Redução do papel do Ibama

No Instituto Brasileiro de Meio Ambiente e dos Recursos Naturais Renováveis (Ibama), responsável pela fiscalização ambiental, servidores denunciaram em diversos momentos as incoerências de Salles.

"A perda da autonomia é o maior dos nossos pesadelos. Começa com o ministro interferindo diretamente no Ibama e no ICMBio [Instituto Chico Mendes de Conservação da Biodiversidade] como se fossem órgãos subordinados, e não apenas vinculados ao Ministério do Meio Ambiente. Passa pelo presidente do Ibama, Eduardo Bim, que tem agido como assessor do Salles, sem se posicionar em defesa da instituição e seus servidores mesmo diante de tantos ataques", disse um funcionário que prefere não ter o nome revelado nesta reportagem.

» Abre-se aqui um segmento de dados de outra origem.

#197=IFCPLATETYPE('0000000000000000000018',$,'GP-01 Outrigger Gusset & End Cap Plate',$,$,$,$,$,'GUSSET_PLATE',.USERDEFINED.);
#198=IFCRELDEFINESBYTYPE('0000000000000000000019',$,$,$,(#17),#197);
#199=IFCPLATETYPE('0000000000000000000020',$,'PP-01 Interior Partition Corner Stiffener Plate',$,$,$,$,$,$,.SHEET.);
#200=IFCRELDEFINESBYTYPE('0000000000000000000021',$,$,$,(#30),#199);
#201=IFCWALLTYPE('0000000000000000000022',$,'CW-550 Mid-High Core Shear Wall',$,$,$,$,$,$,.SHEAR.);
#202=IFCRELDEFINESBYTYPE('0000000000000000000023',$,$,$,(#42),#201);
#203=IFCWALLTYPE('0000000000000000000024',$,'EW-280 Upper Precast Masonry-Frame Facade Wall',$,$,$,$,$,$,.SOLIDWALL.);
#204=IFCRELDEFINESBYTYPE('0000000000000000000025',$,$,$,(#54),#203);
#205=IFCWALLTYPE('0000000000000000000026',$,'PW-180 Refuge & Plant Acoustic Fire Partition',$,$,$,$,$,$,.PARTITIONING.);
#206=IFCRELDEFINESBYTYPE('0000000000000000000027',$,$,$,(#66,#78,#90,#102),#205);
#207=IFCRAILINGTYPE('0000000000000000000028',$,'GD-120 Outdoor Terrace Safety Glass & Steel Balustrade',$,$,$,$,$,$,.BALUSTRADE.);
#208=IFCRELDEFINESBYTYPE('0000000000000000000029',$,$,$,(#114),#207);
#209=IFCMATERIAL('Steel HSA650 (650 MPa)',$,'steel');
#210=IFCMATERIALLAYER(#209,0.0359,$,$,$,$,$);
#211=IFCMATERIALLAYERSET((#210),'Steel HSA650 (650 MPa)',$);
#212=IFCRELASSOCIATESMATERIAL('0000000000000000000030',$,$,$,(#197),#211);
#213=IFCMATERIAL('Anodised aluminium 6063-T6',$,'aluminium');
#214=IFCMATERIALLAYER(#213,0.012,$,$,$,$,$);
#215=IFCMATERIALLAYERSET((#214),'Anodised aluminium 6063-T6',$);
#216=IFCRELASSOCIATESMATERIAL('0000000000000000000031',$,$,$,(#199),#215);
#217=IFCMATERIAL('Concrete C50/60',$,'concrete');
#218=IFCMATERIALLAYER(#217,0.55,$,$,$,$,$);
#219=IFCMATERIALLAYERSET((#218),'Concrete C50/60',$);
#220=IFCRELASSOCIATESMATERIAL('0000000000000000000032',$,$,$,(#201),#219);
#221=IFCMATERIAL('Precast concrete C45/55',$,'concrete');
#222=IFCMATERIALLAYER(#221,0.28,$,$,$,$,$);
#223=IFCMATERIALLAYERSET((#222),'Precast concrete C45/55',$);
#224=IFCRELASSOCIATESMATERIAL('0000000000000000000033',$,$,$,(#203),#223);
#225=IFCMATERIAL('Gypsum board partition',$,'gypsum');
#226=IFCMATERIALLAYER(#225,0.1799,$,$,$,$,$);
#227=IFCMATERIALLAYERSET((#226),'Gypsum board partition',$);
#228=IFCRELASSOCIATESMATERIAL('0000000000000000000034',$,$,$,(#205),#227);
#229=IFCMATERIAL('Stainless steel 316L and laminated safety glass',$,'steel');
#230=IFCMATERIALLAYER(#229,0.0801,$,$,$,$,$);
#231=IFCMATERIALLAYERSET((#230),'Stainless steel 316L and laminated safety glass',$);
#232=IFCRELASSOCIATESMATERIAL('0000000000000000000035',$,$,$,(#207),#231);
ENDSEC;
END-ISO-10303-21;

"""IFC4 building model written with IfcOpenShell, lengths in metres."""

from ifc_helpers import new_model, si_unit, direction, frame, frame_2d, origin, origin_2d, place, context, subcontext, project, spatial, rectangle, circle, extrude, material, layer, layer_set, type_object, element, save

Servidores ouvidos pela DW Brasil criticam ainda a interferência das Forças Armadas na área ambiental. "Dedicamos grande parte dos nossos esforços à Amazônia e agora sob o comando de militares que procuram a todo custo nos empurrar para estratégias de ações antiquadas que abandonamos há quase 20 anos, gerando ainda mais desgaste nas nossas reduzidíssimas e sobrecarregadas equipes", revelam.

Um dos argumentos apontados pelos procuradores na ação contra Salles é o custo da Operação Verde Brasil, que enviou soldados do Exército para combater as queimadas na Amazônia depois da repercussão internacional em 2019. Em apenas dois meses, a operação custou mais de 124 milhões de reais, 14 milhões de reais a mais do que o orçamento anual previsto para ações de comando e controle pelo Ibama no mesmo ano.

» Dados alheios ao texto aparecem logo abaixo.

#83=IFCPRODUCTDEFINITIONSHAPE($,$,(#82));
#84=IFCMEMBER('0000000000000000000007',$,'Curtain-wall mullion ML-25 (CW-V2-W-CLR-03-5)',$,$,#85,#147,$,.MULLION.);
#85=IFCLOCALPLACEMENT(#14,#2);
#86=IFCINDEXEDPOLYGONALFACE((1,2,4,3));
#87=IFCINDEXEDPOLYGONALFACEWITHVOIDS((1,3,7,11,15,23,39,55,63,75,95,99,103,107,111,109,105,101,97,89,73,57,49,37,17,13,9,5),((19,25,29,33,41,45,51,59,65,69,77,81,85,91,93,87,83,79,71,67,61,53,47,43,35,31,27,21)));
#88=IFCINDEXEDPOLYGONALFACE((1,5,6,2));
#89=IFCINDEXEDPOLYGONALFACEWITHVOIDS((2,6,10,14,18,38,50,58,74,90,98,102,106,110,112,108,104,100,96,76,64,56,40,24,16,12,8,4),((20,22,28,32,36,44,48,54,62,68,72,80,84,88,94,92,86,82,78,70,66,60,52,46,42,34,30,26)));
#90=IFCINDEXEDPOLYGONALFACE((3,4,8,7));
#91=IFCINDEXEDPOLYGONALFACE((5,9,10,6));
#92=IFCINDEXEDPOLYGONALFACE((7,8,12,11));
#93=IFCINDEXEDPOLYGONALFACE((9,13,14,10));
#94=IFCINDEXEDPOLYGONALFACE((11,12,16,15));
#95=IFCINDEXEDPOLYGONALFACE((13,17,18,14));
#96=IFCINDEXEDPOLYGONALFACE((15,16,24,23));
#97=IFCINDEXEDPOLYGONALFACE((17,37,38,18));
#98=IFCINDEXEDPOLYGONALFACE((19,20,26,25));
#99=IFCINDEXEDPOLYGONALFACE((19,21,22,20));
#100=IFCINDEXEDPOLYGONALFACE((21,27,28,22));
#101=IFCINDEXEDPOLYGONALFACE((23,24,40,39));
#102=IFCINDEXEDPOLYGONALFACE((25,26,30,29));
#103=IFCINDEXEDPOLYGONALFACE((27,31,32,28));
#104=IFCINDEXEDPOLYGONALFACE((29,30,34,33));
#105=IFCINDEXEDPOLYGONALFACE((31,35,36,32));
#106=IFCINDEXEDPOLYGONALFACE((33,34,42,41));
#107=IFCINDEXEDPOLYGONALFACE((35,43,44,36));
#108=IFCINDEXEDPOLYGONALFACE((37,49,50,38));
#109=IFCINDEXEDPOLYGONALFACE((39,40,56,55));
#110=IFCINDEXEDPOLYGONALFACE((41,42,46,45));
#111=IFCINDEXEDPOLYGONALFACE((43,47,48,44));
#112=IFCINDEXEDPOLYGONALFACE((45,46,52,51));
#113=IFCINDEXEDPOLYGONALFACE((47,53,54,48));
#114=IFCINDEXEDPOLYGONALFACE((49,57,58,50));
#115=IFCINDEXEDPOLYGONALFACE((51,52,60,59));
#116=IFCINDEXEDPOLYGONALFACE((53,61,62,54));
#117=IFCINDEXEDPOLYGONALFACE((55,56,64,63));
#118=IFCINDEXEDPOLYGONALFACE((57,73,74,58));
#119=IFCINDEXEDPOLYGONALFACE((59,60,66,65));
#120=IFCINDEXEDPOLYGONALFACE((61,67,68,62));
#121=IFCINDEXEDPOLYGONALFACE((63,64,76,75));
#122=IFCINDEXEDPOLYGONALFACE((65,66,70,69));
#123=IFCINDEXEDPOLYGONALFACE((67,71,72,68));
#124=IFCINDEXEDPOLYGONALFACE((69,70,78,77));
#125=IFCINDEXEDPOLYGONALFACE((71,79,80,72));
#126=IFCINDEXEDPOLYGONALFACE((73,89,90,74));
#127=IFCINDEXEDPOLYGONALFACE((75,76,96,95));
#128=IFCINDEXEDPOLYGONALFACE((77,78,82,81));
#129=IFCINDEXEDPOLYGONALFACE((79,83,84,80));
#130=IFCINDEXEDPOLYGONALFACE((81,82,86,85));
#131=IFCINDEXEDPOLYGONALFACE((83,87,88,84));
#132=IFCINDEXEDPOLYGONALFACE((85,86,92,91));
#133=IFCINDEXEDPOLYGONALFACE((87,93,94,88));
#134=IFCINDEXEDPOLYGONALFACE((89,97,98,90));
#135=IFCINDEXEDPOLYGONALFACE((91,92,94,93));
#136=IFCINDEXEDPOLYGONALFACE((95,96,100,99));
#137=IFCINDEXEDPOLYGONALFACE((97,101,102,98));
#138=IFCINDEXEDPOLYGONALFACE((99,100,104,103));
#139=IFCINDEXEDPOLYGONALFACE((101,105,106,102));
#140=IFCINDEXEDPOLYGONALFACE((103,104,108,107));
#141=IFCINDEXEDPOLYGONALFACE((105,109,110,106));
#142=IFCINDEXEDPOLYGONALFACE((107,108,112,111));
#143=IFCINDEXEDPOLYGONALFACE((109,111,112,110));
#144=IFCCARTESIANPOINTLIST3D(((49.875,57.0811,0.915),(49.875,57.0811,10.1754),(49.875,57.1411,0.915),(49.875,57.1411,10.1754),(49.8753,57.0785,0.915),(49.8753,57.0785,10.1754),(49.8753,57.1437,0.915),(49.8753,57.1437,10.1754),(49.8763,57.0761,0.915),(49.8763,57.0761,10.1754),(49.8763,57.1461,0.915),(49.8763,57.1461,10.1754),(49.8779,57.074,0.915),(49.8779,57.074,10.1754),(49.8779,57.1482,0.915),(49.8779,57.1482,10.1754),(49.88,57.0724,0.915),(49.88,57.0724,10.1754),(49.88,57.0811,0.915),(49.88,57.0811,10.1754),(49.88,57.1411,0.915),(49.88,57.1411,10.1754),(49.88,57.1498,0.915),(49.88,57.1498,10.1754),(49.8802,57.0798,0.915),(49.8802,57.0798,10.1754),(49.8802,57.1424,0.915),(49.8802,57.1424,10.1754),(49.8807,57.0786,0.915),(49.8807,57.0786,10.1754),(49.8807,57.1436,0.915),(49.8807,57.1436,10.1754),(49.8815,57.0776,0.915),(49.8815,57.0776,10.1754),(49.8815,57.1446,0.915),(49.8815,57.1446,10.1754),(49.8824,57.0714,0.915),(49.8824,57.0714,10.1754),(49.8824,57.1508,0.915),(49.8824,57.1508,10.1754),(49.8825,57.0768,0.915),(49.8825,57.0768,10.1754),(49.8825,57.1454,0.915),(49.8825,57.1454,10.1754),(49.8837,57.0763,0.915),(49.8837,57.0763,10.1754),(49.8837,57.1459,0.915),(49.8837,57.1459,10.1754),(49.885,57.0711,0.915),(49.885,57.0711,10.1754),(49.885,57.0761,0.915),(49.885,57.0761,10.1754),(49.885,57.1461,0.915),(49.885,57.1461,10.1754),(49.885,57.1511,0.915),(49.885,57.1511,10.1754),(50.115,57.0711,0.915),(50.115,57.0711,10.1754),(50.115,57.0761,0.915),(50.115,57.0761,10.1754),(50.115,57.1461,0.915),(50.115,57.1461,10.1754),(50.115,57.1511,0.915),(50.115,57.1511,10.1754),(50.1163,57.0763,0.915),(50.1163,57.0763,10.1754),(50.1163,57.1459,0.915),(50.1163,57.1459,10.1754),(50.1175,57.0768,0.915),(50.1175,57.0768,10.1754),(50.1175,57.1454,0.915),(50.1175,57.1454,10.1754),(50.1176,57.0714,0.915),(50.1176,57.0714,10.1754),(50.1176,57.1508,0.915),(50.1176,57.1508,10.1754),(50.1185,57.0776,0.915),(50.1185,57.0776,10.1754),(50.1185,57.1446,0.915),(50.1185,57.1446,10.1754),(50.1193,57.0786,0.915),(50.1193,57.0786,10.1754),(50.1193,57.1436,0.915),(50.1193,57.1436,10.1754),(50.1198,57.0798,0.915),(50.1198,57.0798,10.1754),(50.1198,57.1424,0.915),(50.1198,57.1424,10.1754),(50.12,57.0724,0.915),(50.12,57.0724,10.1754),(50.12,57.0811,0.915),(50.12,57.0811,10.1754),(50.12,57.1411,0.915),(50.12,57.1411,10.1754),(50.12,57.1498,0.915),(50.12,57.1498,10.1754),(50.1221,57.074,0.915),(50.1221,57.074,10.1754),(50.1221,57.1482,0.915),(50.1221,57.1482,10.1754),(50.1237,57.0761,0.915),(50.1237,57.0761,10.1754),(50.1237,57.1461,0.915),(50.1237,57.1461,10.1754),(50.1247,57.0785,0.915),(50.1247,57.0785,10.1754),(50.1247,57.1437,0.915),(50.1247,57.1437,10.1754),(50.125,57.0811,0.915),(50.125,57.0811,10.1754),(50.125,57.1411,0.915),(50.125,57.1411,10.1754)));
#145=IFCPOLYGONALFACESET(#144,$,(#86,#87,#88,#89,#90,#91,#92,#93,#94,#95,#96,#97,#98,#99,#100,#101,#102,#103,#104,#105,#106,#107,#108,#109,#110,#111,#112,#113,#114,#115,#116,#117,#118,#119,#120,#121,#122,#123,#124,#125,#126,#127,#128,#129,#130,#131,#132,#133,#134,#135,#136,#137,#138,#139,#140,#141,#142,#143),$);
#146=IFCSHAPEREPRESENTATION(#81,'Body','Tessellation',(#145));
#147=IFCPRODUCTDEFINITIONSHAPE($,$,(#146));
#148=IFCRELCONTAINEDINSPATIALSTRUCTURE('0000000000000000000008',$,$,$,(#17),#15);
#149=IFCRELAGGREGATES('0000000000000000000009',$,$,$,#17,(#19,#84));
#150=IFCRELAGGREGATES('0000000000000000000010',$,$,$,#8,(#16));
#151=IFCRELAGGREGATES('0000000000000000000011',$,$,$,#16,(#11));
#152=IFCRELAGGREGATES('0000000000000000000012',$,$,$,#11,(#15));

Para o MPF,  "Salles decidiu encolher as estruturas do Estado responsáveis pelo combate ao desmatamento e às queimadas e reduzir o papel do Ibama, de maneira ilegal". A ação estima que, em 2019, sob a gestão de Salles, 318 mil quilômetros quadrados de florestas viraram cinzas – um recorde. Também houve aumento nas taxas mensais de desmatamento. 

Outros processos

Para o Observatório do Clima, motivos para a queda do atual ministro não faltam. "Ele faz mal para a economia do país. Há muitas manifestações de investidores dizendo que vão tirar dinheiro do Brasil pela política ambiental e ameaça aos indígenas", comenta Márcio Astrini, secretário executivo do observatório, rede formada por 37 entidades da sociedade civil. "Mas talvez ele só saia de lá (do comando do ministério do Meio Ambiente) preso."

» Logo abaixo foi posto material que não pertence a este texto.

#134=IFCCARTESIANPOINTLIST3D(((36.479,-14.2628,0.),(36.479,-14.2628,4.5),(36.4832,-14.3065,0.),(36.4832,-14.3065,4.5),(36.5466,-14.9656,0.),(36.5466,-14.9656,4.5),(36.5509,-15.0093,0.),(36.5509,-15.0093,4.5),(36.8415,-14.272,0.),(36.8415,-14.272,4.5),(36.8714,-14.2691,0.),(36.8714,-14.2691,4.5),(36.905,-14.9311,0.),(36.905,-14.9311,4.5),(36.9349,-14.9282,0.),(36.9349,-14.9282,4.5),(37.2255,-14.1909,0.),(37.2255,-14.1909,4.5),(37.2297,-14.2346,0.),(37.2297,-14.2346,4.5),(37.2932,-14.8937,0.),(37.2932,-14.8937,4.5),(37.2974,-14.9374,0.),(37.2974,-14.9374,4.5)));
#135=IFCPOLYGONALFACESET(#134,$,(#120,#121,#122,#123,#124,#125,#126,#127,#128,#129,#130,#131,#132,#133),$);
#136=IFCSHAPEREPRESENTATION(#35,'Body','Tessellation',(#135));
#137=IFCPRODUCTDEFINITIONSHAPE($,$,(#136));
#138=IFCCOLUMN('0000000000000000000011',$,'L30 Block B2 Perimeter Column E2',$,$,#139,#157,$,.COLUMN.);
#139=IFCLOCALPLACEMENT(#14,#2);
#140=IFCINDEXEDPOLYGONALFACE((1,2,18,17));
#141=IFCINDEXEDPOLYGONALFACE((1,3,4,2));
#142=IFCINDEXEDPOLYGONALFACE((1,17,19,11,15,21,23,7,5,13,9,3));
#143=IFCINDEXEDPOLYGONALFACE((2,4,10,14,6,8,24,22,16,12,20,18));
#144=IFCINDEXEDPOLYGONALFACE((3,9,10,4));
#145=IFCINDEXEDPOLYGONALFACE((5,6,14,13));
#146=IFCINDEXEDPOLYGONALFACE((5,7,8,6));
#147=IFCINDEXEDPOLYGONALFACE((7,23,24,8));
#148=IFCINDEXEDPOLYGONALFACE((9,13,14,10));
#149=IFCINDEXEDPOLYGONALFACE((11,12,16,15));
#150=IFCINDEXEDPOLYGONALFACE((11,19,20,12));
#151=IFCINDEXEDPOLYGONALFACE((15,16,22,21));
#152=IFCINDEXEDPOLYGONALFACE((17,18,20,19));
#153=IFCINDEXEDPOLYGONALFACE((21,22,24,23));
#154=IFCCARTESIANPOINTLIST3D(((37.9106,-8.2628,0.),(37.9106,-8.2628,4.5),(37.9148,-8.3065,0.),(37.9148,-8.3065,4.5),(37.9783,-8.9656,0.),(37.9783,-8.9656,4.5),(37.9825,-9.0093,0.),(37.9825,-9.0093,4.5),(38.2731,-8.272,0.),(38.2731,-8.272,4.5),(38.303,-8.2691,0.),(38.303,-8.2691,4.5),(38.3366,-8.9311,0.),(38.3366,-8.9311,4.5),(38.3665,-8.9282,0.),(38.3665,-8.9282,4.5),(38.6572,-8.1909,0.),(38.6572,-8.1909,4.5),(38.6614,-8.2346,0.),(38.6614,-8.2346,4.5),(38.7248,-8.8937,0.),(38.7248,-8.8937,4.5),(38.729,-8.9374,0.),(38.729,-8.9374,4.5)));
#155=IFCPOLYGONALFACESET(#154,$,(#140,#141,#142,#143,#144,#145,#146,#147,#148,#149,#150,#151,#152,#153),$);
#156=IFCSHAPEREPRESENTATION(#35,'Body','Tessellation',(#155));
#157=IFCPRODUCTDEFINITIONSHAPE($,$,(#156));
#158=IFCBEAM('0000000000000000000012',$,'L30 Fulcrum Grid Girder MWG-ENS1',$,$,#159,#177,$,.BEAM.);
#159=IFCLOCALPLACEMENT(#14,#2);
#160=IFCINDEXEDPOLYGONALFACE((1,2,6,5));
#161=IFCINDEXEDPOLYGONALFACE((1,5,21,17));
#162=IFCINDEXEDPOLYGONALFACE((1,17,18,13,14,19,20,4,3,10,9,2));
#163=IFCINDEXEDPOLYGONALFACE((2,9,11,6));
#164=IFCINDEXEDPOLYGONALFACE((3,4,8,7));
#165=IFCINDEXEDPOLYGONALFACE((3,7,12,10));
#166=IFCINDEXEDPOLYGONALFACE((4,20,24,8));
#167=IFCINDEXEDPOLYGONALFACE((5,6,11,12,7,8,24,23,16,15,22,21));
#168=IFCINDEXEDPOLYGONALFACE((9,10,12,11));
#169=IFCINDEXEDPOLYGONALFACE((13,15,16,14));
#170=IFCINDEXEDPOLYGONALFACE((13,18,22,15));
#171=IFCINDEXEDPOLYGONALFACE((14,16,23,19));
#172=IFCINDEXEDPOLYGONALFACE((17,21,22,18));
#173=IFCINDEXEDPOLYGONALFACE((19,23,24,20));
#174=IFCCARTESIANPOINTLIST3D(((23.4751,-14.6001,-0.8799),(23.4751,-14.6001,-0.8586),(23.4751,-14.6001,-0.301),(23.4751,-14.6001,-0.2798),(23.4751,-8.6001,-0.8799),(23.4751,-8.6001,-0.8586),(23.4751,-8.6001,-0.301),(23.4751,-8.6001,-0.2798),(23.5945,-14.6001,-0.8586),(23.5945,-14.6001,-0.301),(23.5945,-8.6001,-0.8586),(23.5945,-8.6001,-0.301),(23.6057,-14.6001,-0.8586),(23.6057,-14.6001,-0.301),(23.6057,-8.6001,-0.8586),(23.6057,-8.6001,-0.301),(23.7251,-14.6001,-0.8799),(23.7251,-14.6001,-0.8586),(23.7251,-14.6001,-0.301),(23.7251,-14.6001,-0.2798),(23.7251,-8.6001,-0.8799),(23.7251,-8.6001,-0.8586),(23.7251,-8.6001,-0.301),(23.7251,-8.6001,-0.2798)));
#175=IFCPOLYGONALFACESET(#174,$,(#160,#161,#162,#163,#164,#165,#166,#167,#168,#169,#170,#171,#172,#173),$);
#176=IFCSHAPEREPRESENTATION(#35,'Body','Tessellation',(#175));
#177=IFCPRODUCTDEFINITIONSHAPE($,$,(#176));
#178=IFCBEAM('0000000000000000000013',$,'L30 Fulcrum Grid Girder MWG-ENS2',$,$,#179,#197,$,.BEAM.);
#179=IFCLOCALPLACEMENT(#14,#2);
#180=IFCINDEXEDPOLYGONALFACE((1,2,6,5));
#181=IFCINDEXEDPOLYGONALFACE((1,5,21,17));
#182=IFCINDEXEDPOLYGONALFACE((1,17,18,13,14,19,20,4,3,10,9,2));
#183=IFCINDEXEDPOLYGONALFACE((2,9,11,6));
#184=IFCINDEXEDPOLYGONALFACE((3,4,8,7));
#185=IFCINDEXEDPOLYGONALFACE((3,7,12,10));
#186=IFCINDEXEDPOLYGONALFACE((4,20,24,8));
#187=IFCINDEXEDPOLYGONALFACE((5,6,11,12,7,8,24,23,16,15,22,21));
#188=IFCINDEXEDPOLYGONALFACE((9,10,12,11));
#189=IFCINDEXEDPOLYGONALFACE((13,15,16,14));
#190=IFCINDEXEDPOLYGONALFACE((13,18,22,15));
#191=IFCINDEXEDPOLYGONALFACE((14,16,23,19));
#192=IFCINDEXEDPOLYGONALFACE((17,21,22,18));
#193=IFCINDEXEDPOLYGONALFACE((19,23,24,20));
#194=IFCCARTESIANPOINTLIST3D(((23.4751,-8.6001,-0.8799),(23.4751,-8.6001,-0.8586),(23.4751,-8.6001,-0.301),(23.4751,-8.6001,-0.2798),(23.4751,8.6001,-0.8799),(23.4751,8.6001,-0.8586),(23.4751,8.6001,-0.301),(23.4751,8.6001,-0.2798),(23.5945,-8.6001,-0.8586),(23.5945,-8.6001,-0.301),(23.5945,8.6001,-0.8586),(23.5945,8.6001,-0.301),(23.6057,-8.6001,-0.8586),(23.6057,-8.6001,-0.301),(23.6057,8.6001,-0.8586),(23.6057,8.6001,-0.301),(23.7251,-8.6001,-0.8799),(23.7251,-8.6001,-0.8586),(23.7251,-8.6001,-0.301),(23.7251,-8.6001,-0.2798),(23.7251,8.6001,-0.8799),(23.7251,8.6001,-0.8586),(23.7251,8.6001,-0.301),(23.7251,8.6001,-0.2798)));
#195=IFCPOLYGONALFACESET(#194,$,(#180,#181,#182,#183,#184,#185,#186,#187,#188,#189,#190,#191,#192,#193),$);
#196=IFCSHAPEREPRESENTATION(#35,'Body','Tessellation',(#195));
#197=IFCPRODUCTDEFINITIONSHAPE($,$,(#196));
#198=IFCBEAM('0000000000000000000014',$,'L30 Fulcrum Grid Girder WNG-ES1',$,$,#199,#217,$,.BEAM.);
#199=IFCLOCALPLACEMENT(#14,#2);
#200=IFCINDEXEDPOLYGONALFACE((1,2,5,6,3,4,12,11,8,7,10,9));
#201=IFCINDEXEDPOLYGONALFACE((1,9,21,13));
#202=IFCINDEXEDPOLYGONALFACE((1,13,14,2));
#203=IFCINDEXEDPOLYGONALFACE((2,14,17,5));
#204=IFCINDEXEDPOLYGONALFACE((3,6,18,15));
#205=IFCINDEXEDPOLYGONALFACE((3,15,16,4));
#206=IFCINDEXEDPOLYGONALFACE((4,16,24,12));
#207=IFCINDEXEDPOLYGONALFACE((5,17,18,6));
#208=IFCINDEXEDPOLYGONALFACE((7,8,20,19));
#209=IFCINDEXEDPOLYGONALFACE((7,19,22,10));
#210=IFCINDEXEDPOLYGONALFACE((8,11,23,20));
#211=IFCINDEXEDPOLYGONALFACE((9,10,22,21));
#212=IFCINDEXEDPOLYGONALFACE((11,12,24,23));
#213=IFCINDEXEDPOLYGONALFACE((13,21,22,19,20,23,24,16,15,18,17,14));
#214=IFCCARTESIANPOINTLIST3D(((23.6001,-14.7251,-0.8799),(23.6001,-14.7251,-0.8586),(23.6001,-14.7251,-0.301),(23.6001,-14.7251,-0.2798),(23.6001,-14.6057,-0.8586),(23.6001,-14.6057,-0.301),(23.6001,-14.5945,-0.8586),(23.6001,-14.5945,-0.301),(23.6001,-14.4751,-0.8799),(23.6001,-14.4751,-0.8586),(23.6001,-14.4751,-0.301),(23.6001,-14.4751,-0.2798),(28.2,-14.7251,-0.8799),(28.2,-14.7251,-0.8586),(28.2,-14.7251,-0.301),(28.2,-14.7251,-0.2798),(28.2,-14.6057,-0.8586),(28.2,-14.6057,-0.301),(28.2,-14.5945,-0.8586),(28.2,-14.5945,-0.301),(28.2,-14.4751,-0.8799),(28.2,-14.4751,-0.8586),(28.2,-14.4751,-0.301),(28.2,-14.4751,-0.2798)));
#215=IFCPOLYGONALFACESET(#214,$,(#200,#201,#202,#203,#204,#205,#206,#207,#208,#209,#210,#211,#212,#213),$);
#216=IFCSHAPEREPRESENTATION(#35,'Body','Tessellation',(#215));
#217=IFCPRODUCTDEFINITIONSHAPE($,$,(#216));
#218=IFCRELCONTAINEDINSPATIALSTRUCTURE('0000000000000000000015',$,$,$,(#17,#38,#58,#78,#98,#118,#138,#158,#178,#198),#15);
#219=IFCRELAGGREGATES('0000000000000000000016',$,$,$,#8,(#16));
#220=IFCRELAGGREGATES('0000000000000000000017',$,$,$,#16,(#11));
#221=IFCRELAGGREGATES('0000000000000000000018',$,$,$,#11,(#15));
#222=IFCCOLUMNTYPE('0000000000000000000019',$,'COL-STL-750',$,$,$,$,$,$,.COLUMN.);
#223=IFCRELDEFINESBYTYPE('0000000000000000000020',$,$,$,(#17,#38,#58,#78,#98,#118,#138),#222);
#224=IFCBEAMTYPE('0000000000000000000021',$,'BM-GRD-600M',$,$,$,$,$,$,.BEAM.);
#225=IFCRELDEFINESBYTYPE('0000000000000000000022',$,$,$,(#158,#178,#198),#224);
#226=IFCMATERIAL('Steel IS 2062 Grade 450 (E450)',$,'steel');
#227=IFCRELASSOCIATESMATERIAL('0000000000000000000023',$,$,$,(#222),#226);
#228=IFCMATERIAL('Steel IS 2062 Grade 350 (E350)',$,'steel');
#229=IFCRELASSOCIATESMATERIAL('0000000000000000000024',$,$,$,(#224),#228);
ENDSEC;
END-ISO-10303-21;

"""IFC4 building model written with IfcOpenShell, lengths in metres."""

Antes de assumir o cargo no governo Bolsonaro, Salles havia sido condenado em primeira instância em São Paulo por fraudar um processo do Plano de Manejo da Área de Proteção Ambiental da Várzea do Rio Tietê quando foi secretário estadual do Meio Ambiente. O caso corre agora na segunda instância.

Outra investigação no Tribunal de Justiça de São Paulo apura denúncias de enriquecimento ilícito de Salles, que sextuplicou seu patrimônio entre 2012 e 2018, de 1,4 milhão de reais para 8,8 milhões de reais. O atual ministro foi secretário particular do então governador Geraldo Alckmin de 2013 a 2014 e secretário do Meio Ambiente de São Paulo de 2016 a 2017.

Recentemente, outras ações foram protocoladas no Supremo Tribunal Federal (STF) e na Justiça Federal do estado do Amazonas contra o ministro por exportação de madeira sem fiscalização e congelamento do Fundo Amazônia e do Fundo Clima.

"Ele está alinhado com Bolsonaro que, em várias áreas, tem a 'destruição' como agenda. É assim na área de comunicação com a imprensa, de direitos humanos, de educação, de ciência e na área ambiental", avalia Astrini.

Questionado pela DW Brasil sobre a ação movida pelo MPF, Salles respondeu, por meio de sua assessoria de imprensa, com a mesma nota que já havia sido divulgada à imprensa na segunda-feira. 

"A ação de um grupo de procuradores traz posições com evidente viés político-ideológico em clara tentativa de interferir em políticas públicas do Governo Federal. As alegações são um apanhado de diversos outros processos já apreciados e negados pelo Poder Judiciário, uma vez que seus argumentos são improcedentes", diz a nota.